Arizona

Can Arizona State men compete for the national title?

Can Arizona State men compete for the national title?

In men’s college swimming, the race against Cal and Texas can be seen as a benchmark. These two programs have dominated the sport for more than a decade, with the Golden Bears and Longhorns taking the top two spots in the NCAA championships every year except for one that dates back to 2010. The exception was in 2013 when Cal finished second and Texas third. As such, Arizona State’s 211-87 win over Cal in Saturday’s doubles meet has to be considered a big deal.

The Sun Devil men won all but two swimming events for the entire meet. Cal’s only victories came in the backstroke races, where he Destiny Lascolast year’s 200 backstroke national champion, hit the wall first.
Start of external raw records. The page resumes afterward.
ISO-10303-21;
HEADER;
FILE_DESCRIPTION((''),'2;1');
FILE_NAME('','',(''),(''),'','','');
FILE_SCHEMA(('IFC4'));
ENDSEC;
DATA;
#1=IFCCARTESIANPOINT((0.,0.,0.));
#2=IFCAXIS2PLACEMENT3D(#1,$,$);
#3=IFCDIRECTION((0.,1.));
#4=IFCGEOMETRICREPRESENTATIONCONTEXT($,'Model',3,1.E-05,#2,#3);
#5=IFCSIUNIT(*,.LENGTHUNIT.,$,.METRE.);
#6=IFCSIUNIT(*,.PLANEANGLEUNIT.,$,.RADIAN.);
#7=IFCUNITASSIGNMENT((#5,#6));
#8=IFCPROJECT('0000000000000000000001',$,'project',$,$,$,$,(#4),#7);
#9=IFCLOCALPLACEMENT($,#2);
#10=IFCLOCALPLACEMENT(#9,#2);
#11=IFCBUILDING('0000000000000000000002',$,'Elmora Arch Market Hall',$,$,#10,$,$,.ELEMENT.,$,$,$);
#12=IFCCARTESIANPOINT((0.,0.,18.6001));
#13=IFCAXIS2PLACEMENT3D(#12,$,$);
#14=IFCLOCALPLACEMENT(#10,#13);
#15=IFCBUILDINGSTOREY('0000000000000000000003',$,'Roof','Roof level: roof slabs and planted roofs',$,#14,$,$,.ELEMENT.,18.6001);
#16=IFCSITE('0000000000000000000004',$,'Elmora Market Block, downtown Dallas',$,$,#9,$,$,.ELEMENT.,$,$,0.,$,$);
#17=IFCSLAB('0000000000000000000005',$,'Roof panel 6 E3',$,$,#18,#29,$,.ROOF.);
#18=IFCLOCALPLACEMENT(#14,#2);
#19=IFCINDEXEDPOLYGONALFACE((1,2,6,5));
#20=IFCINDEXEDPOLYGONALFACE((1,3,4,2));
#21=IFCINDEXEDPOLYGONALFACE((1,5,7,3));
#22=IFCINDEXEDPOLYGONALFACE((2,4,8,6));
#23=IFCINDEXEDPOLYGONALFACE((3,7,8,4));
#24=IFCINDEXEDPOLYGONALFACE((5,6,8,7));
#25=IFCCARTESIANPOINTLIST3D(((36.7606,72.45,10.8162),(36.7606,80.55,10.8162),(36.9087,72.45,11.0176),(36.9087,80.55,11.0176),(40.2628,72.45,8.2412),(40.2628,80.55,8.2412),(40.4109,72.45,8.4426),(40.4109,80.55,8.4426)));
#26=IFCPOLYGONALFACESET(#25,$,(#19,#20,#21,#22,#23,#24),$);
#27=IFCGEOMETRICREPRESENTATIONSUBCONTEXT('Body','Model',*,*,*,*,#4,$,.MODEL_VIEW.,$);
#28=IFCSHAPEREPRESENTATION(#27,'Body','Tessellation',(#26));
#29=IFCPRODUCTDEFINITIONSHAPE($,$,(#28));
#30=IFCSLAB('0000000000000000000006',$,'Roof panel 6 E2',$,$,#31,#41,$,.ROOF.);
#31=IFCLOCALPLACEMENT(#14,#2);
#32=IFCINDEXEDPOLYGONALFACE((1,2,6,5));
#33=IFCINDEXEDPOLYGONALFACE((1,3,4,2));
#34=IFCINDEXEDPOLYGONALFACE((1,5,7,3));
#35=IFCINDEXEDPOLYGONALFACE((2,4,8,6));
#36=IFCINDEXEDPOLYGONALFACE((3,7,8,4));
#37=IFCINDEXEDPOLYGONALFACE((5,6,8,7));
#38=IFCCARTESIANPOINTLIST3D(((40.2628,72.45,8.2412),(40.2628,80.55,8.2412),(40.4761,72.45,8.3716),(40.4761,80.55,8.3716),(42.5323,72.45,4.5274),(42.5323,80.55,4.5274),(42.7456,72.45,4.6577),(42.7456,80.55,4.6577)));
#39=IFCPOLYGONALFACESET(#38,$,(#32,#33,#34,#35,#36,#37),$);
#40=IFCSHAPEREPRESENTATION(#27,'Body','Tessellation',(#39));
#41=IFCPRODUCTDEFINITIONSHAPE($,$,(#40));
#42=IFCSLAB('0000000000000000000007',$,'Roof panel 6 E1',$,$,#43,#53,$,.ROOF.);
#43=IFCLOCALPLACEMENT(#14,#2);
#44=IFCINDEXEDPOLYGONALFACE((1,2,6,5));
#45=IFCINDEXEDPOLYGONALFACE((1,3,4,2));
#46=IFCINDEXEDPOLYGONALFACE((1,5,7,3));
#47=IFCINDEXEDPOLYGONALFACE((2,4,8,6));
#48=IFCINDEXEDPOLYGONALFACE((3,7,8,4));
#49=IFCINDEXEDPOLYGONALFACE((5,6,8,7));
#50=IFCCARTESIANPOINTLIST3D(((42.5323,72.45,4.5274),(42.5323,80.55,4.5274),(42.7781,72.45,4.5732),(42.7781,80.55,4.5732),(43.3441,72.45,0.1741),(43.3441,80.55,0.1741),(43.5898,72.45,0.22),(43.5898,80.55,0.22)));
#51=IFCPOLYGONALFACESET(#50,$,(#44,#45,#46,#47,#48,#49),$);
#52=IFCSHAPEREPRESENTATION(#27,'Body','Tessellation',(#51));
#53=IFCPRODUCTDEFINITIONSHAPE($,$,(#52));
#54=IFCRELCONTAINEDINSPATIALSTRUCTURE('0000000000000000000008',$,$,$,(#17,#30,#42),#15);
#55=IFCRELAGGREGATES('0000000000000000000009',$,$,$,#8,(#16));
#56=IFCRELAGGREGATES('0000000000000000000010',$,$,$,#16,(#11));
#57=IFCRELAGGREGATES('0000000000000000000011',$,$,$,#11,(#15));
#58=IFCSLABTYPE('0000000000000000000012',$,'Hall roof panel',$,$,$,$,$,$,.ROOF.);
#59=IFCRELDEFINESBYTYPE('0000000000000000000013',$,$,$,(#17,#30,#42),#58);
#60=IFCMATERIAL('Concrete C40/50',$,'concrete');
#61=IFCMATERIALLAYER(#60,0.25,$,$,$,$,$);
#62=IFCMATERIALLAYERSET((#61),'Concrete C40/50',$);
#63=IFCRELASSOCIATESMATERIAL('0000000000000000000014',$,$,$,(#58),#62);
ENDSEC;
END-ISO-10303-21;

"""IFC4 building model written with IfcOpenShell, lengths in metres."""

from ifc_helpers import new_model, si_unit, direction, frame, origin, place, context, subcontext, project, spatial, polyline, outline, extrude, material, layer, layer_set, type_object, element, save


model = new_model("IFC4")

# Units and contexts
model_context = context("Model", 3, precision=1e-05, world=origin(), true_north=direction((0.0, 1.0)))
body_context = subcontext(model_context, "Body", "Model", "MODEL_VIEW")
ifc_project = project(units=[si_unit("LENGTHUNIT", "METRE"), si_unit("PLANEANGLEUNIT", "RADIAN")], contexts=[model_context])

# Site, building, storey
site_placement = place(None, origin())
site = spatial("IfcSite", under=ifc_project, at=site_placement, Name="Elmora Market Block, downtown Dallas", CompositionType="ELEMENT", RefElevation=0.0)
building_placement = place(site_placement, origin())
building = spatial("IfcBuilding", under=site, at=building_placement, Name="Elmora Arch Market Hall", CompositionType="ELEMENT")
storey_placement = place(building_placement, frame((0.0, 0.0, 18.6001)))
storey = spatial("IfcBuildingStorey", under=building, at=storey_placement, Name="Roof", Description="Roof level: roof slabs and planted roofs", CompositionType="ELEMENT", Elevation=18.6001)

# Slabs
ifc_material_1 = material(Name="Concrete C40/50", Category="concrete")
ifc_layer_1 = layer(ifc_material_1, 0.25)
ifc_layer_set_1 = layer_set([ifc_layer_1], Name="Concrete C40/50")
slab_type = type_object("IfcSlabType", Name="Hall roof panel", PredefinedType="ROOF", material=ifc_layer_set_1)
slab_1_placement = place(storey_placement, frame((36.9087, 72.45, 11.0176), z_axis=(0.592362, 0.0, 0.805672), x_axis=(0.0, 1.0, 0.0)))
element("IfcSlab", 1, at=slab_1_placement, inside=storey, type_object=slab_type, Name="Roof panel 6 E3", PredefinedType="ROOF", context=body_context, shape_type="SweptSolid", body=[
    extrude(outline(polyline([(0.0, 0.0), (8.1001, 0.0), (8.1001, -4.3469), (0.0, -4.3469), (0.0, 0.0)])), origin(), (0.0, 0.0, -1.0), 0.25),
])
slab_2_placement = place(storey_placement, frame((40.4761, 72.45, 8.3716), z_axis=(0.853287, 0.0, 0.521441), x_axis=(0.0, 1.0, 0.0)))
element("IfcSlab", 2, at=slab_2_placement, inside=storey, type_object=slab_type, Name="Roof panel 6 E2", PredefinedType="ROOF", context=body_context, shape_type="SweptSolid", body=[
    extrude(outline(polyline([(0.0, 0.0), (8.1001, 0.0), (8.1001, -4.3524), (0.0, -4.3524), (0.0, 0.0)])), origin(), (0.0, 0.0, -1.0), 0.25),
])
slab_3_placement = place(storey_placement, frame((42.7781, 72.45, 4.5732), z_axis=(0.983055, 0.0, 0.183313), x_axis=(0.0, 1.0, 0.0)))
element("IfcSlab", 3, at=slab_3_placement, inside=storey, type_object=slab_type, Name="Roof panel 6 E1", PredefinedType="ROOF", context=body_context, shape_type="SweptSolid", body=[
    extrude(outline(polyline([(0.0, 0.0), (8.1001, 0.0), (8.1001, -4.4283), (0.0, -4.4283), (0.0, 0.0)])), origin(), (0.0, 0.0, -1.0), 0.25),
])

save(model, "model.ifc")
Leon Marchand started for ASU, swimming fastest time ever in the 400 IM while posting stunning breaststroke times, but Grant house, Jack Dolan, Alex Kolson, Max McCusker and mid-year arrivals Hubert Kos and Zalan Sarkany all individual wins achieved in victory.

The obvious caveat to the very one-sided meeting is the choice of the teams’ attire: Bob Bowmans Sun Devils raced in tech suits Dave Durdens Bears opted for tracksuits. The tech suits offer a physical boost and an obvious mental advantage when racing, but both coaches chose the swimwear they felt would best prepare their swimmers for the end of the season. After all, that’s the goal. Fast swimming in duels is great, but every swimmer and coach on deck Saturday at the Mona Plummer Aquatic Center has their eyes on the NCAA Championships in Minneapolis.

This meeting is another beast, the fastest meeting on earth and a grueling environment that demands success and precision in the morning heats to give a team a chance in the finals. Many teams battle it out at the national meet, but two groups of men always show up: Cal and Texas. Last season, for example, Cal topped his pre-meet prediction by 129.5 points, and Texas ended up ahead by 75.5 points. The third-best team was +45.5, while Arizona State was among the teams that scored slightly less than expected.

In two months, when teams return to championship format and are all fit, the goal is to get as many swimmers in the top 16 as possible. Marchand, House and Colson are recurring A-finalists while Dolan and Julian Huegel were single B finalists. Kos and Sarkany also have very good chances to score individually. Seasons count double, of course.

Arizona State must contend with Cal and Texas teams each bringing back six individual A-finalists as well as plenty of depth, relay talent and a history of premium-level performances in March. Marchand, Bowman and company have a chance, but the Golden Bears and Longhorns must be considered title favorites.

However, a top 3 or even a top 5 finish, which would be the best result of the program under Bowman’s helm, would be a major achievement – and a very realistic one. In addition to Cal and Texas, the Sun Devils have to compete with the consistently outstanding states of Florida and North Carolina.

The Gators, third last year, lost Olympic medalists Bobby Finke and Kieran Smith for high school and Trey Freeman to retire, but they add the World Championships medalist Josh Liendo to a deep and accomplished sprint group that won two 200-yard relays at last year’s NCAA championships Adam Chaney and Eric Friese among accomplished artists returning.

NC State, meanwhile, has a reigning national champion Kapper Stokowski (100 in the back), a pair of precious sleepers in there Nyls Korstanje and Luke Mueller and possibly more sprint depth than any other team in the country. The Wolfpack have finished fourth in four of the last five NCAA championships.

There’s still a long way to go to see how these teams stack up, and we’ll have more clues after next month’s Conference Championships. It’s too early to make any absolute predictions beyond that right now: Arizona State is in direct talks, but until proven otherwise, don’t bet against Cal and Texas in March.